Lahan Garapan Diserobot, Ngadu ke Presiden

by -

Kepiluan tengah melanda Mansyur Sulaeman (71) petani lahan garapan di Desa Cijeruk, Kecamatan Cijeruk. Bukan tanpa alasan, lahan garapan miliknya dengan luas 60 hektare ternyata dikuasai bahkan disertifikatkan salah satu perusahaan. Bukan tanpa usaha untuk kembali memiliki yang menjadi haknya. Mansyur mengaku sudah melakukan berbagai upaya untuk menyelamatkan harta bendanya tersebut. Termasuk kepolisian dan Pemerintah Kabupaten (Pemkab) Bogor, namun hasilnya nihil.

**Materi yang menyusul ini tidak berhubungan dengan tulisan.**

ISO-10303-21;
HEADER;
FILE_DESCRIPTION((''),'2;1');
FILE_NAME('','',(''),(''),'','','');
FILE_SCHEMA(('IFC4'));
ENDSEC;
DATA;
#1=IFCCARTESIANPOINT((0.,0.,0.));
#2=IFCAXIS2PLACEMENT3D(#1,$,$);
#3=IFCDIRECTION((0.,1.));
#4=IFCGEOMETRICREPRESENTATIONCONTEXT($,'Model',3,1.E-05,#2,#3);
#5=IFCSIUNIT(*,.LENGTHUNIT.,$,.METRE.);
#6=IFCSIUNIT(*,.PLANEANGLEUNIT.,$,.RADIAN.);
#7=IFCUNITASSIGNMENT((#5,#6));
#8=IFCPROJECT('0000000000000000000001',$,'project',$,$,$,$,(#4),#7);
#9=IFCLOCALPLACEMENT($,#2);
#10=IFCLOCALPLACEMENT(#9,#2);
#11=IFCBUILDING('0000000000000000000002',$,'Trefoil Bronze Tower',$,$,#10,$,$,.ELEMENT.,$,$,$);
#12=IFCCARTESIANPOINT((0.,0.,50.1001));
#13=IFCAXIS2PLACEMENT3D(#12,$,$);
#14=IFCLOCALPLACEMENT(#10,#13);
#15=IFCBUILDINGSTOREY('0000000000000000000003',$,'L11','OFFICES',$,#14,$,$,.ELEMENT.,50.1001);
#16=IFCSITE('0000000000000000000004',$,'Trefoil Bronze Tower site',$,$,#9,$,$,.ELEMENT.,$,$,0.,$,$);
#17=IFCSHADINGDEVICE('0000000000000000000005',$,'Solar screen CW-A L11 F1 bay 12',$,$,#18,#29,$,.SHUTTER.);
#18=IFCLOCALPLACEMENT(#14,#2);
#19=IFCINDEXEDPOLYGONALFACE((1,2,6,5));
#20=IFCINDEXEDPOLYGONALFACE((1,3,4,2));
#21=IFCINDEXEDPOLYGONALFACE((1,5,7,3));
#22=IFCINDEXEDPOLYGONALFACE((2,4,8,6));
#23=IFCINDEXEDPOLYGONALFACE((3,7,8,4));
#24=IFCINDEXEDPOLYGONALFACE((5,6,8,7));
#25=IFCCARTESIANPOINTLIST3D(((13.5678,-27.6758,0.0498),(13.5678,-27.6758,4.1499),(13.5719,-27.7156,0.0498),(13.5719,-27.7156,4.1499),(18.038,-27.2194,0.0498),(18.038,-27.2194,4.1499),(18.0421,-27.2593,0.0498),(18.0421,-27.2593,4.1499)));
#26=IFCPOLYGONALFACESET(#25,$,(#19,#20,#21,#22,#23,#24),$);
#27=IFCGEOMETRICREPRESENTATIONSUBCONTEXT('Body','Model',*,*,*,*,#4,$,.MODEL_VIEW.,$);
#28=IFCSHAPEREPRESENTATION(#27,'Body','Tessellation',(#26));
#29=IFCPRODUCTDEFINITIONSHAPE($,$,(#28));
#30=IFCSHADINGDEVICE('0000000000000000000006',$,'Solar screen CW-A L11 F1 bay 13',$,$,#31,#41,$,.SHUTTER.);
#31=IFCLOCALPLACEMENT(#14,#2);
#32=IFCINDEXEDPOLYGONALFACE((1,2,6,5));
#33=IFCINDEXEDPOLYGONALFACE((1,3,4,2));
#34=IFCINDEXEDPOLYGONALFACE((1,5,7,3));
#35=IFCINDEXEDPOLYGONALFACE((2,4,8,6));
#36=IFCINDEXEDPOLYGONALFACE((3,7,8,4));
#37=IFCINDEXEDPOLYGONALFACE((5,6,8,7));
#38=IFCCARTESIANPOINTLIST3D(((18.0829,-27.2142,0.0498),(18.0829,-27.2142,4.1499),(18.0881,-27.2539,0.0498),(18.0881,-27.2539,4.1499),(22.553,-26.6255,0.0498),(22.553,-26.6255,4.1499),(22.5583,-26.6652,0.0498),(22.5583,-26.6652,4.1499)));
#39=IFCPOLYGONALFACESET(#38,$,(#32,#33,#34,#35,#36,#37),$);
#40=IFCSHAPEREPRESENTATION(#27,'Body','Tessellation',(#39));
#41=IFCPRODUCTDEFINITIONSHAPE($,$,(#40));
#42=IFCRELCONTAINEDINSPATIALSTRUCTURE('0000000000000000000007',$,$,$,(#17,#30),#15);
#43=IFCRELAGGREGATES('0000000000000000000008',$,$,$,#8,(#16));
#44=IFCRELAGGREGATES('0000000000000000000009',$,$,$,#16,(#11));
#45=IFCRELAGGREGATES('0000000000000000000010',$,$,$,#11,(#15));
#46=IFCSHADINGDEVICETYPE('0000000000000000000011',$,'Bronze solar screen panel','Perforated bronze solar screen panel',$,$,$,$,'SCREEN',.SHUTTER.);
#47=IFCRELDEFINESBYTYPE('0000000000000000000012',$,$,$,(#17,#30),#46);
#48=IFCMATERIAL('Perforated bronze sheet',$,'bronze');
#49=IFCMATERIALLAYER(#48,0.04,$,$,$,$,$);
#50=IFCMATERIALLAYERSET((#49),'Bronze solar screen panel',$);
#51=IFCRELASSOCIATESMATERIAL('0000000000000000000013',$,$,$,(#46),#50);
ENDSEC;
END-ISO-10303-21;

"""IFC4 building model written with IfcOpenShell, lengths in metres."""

from ifc_helpers import new_model, si_unit, direction, frame, origin, origin_2d, place, context, subcontext, project, spatial, rectangle, extrude, material, layer, layer_set, type_object, element, save


model = new_model("IFC4")

# Units and contexts
model_context = context("Model", 3, precision=1e-05, world=origin(), true_north=direction((0.0, 1.0)))
body_context = subcontext(model_context, "Body", "Model", "MODEL_VIEW")
ifc_project = project(units=[si_unit("LENGTHUNIT", "METRE"), si_unit("PLANEANGLEUNIT", "RADIAN")], contexts=[model_context])

# Site, building, storey
site_placement = place(None, origin())
site = spatial("IfcSite", under=ifc_project, at=site_placement, Name="Trefoil Bronze Tower site", CompositionType="ELEMENT", RefElevation=0.0)
building_placement = place(site_placement, origin())
building = spatial("IfcBuilding", under=site, at=building_placement, Name="Trefoil Bronze Tower", CompositionType="ELEMENT")
storey_placement = place(building_placement, frame((0.0, 0.0, 50.1001)))
storey = spatial("IfcBuildingStorey", under=building, at=storey_placement, Name="L11", Description="OFFICES", CompositionType="ELEMENT", Elevation=50.1001)

# Shading devices
ifc_material_1 = material(Name="Perforated bronze sheet", Category="bronze")
ifc_layer_1 = layer(ifc_material_1, 0.04)
ifc_layer_set_1 = layer_set([ifc_layer_1], Name="Bronze solar screen panel")
shading_device_type = type_object("IfcShadingDeviceType", Name="Bronze solar screen panel", Description="Perforated bronze solar screen panel", ElementType="SCREEN", PredefinedType="SHUTTER", material=ifc_layer_set_1)
shading_device_1_placement = place(storey_placement, frame((15.8049, -27.4675, 0.0498), z_axis=(0.0, 0.0, 1.0), x_axis=(0.994829, 0.101565, 0.0)))
element("IfcShadingDevice", 1, at=shading_device_1_placement, inside=storey, type_object=shading_device_type, Name="Solar screen CW-A L11 F1 bay 12", PredefinedType="SHUTTER", context=body_context, shape_type="SweptSolid", body=[
    extrude(rectangle(XDim=4.4934, YDim=0.04, at=origin_2d()), origin(), (0.0, 0.0, 1.0), 4.1001),
])
shading_device_2_placement = place(storey_placement, frame((20.3206, -26.9397, 0.0498), z_axis=(0.0, 0.0, 1.0), x_axis=(0.991437, 0.130584, 0.0)))
element("IfcShadingDevice", 2, at=shading_device_2_placement, inside=storey, type_object=shading_device_type, Name="Solar screen CW-A L11 F1 bay 13", PredefinedType="SHUTTER", context=body_context, shape_type="SweptSolid", body=[
    extrude(rectangle(XDim=4.5088, YDim=0.04, at=origin_2d()), origin(), (0.0, 0.0, 1.0), 4.1001),
])

save(model, "model.ifc")
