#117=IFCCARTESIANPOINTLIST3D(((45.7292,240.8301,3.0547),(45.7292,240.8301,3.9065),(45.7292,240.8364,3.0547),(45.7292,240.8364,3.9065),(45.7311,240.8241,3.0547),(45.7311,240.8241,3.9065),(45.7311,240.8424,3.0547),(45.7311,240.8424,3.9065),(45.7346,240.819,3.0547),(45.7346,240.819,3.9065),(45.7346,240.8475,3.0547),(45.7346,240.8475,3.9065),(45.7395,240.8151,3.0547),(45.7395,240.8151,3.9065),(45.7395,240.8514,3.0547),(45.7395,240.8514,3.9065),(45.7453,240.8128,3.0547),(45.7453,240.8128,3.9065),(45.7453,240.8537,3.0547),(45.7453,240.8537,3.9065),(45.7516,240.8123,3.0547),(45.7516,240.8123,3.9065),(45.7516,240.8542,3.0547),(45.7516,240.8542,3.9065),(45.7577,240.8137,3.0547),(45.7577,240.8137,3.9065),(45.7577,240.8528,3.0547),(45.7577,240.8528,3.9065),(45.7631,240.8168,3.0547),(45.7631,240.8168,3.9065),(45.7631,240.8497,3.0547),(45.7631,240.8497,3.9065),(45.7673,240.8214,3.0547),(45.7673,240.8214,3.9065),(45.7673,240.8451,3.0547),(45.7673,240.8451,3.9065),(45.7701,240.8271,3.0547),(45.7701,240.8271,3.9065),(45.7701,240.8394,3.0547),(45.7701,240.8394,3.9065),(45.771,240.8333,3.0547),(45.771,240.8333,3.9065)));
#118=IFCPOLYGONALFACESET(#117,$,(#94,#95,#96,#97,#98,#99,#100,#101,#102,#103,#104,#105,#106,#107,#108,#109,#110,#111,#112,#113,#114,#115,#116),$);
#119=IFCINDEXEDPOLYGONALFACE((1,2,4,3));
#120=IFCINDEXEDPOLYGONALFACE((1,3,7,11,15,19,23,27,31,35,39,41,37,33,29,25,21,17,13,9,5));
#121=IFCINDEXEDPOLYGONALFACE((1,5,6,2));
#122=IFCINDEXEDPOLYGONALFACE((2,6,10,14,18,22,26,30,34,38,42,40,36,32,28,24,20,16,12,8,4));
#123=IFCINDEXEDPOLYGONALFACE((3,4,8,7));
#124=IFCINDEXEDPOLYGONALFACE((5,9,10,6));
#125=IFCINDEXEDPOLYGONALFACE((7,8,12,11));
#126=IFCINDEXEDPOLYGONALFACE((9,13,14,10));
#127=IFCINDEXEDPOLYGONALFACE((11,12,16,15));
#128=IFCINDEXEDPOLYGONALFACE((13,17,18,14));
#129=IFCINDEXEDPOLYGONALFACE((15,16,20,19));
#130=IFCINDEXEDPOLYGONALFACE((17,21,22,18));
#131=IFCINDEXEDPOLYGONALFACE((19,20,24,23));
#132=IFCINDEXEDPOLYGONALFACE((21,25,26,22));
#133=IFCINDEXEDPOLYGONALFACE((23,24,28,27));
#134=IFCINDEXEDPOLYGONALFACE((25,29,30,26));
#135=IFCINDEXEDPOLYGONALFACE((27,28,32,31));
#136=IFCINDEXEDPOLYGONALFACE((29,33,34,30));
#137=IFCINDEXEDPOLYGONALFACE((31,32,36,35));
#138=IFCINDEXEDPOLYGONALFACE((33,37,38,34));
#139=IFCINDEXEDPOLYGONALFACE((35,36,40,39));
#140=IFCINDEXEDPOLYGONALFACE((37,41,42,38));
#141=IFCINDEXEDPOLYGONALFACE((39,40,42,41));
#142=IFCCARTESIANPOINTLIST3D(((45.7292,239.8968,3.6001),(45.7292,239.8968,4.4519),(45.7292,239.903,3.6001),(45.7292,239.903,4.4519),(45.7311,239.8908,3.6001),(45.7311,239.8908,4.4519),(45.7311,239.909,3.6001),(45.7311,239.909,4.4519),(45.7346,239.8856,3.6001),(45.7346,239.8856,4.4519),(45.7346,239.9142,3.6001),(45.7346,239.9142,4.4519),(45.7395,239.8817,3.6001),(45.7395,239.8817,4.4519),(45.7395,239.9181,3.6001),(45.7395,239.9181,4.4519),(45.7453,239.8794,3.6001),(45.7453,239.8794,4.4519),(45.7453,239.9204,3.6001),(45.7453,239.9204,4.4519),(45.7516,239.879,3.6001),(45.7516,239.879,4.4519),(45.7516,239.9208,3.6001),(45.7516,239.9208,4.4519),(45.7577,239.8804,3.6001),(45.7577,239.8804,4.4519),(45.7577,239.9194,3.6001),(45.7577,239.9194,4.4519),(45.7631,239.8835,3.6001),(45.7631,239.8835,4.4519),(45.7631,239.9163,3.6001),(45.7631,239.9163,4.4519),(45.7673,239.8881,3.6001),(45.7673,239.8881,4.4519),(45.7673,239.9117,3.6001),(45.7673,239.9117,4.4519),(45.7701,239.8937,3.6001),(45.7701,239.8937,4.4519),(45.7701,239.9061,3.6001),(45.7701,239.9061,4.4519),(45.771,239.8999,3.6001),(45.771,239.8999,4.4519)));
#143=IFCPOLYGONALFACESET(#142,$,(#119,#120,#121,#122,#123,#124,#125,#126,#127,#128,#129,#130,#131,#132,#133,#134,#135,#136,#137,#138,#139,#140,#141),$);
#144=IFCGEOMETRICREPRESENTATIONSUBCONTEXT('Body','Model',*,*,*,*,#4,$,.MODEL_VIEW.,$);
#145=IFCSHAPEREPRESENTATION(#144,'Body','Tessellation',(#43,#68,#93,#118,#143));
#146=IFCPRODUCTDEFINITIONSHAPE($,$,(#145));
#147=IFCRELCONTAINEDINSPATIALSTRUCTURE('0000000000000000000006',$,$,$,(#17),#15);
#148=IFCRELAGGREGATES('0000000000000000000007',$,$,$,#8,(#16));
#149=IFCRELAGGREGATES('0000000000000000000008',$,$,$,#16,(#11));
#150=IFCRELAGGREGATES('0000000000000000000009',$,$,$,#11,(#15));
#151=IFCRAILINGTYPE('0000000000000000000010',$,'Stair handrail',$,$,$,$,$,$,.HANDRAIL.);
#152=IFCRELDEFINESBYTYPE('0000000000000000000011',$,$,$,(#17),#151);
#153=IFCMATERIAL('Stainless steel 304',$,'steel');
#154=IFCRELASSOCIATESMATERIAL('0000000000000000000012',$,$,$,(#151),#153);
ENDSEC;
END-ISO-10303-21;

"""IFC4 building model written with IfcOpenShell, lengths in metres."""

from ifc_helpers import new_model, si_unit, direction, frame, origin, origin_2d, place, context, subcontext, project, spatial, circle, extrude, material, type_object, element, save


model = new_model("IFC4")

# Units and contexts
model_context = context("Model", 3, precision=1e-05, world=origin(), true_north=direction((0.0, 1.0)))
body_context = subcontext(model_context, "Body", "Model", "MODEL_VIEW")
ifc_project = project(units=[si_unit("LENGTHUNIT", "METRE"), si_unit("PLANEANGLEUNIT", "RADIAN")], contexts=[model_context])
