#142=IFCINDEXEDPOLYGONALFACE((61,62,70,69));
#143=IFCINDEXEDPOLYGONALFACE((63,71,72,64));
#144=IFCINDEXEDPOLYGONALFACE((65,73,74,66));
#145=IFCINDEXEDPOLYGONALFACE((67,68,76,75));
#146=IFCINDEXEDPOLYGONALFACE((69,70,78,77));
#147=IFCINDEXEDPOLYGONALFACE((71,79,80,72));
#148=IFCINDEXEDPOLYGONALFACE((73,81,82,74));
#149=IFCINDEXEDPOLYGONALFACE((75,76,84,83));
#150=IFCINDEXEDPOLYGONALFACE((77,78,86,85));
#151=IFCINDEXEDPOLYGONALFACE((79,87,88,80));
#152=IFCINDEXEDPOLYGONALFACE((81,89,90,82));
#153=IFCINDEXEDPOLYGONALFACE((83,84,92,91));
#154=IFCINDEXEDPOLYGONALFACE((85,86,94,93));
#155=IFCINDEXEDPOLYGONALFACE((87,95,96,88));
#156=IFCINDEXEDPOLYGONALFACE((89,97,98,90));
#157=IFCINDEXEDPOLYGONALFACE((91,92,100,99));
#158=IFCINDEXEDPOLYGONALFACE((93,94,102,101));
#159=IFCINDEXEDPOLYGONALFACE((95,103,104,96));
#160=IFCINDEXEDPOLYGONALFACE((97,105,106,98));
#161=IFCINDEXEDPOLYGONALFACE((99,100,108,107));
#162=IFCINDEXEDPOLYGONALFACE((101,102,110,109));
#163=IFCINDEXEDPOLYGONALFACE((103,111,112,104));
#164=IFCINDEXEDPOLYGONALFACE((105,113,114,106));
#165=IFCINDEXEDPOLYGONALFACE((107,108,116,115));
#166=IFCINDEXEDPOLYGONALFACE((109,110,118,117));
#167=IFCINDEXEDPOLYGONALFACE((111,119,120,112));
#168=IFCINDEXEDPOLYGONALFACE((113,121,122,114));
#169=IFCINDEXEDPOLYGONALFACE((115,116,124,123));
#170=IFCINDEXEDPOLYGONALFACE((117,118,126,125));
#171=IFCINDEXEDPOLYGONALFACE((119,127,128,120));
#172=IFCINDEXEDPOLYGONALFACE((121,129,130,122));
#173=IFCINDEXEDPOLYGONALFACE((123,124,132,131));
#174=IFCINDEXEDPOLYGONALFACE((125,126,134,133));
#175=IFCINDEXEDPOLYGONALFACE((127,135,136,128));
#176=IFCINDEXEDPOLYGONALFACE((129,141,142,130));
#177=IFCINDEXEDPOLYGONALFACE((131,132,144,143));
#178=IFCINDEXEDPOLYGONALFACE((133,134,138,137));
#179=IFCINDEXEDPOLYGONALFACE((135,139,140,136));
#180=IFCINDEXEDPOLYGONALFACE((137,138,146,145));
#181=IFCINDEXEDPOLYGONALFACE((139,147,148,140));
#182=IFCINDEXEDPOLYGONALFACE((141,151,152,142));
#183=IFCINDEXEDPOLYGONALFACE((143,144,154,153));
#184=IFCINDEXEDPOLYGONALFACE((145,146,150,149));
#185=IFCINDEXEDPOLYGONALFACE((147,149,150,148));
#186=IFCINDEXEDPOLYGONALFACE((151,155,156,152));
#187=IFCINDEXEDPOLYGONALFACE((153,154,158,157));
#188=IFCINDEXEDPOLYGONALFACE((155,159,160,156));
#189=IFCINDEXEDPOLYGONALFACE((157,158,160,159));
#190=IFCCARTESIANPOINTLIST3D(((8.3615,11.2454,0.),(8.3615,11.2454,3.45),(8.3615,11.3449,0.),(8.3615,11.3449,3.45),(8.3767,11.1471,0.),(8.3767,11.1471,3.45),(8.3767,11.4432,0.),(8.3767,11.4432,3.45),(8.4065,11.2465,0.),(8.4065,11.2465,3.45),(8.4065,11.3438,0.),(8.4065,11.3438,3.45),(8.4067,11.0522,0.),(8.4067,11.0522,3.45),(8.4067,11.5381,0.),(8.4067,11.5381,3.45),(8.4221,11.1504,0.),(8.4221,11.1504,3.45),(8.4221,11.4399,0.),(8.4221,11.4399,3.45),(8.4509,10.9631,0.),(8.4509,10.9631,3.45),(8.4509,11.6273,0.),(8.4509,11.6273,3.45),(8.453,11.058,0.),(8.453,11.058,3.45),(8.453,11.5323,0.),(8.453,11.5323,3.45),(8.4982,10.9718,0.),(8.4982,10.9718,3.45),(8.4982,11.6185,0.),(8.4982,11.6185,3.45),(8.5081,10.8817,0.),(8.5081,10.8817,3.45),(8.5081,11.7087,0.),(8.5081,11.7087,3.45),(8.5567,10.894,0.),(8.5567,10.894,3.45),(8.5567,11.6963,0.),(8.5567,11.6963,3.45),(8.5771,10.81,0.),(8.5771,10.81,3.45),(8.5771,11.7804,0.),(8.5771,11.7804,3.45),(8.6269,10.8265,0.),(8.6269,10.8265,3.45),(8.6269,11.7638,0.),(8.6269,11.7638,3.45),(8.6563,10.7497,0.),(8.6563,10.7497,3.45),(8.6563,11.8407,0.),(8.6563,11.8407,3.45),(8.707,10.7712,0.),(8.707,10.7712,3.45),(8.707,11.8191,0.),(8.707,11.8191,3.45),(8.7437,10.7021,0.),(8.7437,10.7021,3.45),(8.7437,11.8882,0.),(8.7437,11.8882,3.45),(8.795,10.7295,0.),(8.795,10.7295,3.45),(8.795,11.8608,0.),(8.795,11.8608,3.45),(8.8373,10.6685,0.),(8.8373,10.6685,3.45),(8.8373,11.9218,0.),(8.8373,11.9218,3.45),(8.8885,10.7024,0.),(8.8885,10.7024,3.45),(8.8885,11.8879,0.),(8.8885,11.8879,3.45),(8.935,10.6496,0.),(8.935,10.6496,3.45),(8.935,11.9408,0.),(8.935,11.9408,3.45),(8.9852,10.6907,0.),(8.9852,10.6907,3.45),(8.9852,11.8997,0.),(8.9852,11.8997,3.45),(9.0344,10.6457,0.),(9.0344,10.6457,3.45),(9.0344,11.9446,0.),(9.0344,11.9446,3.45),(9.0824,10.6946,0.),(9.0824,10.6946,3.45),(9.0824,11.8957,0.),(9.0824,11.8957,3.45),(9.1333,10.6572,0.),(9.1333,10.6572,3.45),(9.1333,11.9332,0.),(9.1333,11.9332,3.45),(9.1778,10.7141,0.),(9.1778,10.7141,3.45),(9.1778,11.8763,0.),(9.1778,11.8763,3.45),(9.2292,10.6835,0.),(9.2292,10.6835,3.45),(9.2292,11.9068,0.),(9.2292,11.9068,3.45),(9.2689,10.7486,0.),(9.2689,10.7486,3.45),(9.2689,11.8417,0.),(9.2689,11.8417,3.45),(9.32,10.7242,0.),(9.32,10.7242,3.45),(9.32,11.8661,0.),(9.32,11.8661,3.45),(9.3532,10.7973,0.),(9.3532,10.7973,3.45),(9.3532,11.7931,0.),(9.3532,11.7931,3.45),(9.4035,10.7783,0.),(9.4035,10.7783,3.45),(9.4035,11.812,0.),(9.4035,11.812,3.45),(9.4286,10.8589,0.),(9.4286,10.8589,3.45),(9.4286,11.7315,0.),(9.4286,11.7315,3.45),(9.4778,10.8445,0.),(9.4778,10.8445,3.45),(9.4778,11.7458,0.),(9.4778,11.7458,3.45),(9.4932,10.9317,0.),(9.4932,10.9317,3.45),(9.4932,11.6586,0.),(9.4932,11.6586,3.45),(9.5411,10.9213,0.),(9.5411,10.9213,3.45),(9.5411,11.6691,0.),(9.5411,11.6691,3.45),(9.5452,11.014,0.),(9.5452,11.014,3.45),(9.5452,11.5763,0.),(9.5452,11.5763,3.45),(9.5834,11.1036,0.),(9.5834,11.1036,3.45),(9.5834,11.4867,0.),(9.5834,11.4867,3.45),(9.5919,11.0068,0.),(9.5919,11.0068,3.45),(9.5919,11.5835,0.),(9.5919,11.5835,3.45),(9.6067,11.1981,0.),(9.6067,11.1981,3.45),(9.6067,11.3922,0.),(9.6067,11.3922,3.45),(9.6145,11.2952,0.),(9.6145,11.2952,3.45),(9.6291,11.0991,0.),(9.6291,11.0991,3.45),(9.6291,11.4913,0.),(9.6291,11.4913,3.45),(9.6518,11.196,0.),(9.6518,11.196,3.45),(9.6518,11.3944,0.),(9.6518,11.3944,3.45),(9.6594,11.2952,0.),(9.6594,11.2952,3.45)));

Tak mau putus asa, dirinya berinisiatif mengirim surat kepada Presiden Joko Widodo lengkap dengan materai 6.000. Di hadapan awak media, dirinya juga memperlihatkan setumpuk kuitansi hasil pembelian serta peta lokasi lahan yang telah disertifikatkan. Pria paruh baya tersebut merupakan anggota Kelompok Tani (Poktan) Famili Tani Sejahtera di Kamung Neglasari.

“Assalamualaikum Pak Jokowi, tolong bantu saya dan warga Cijeruk Kabupaten Bogor. Mohon bantuanya, karena lahan garapan seluas 65 hektare telah disertifikatkan oleh PT Purbaya. Padahal yang 65 hektare belum pernah dijual, tapi sertifikat keluar, dasar apa pembebasan tidak ada, saya mohon keadilanya,” ujarnya seraya membacakan isi surat tersebut.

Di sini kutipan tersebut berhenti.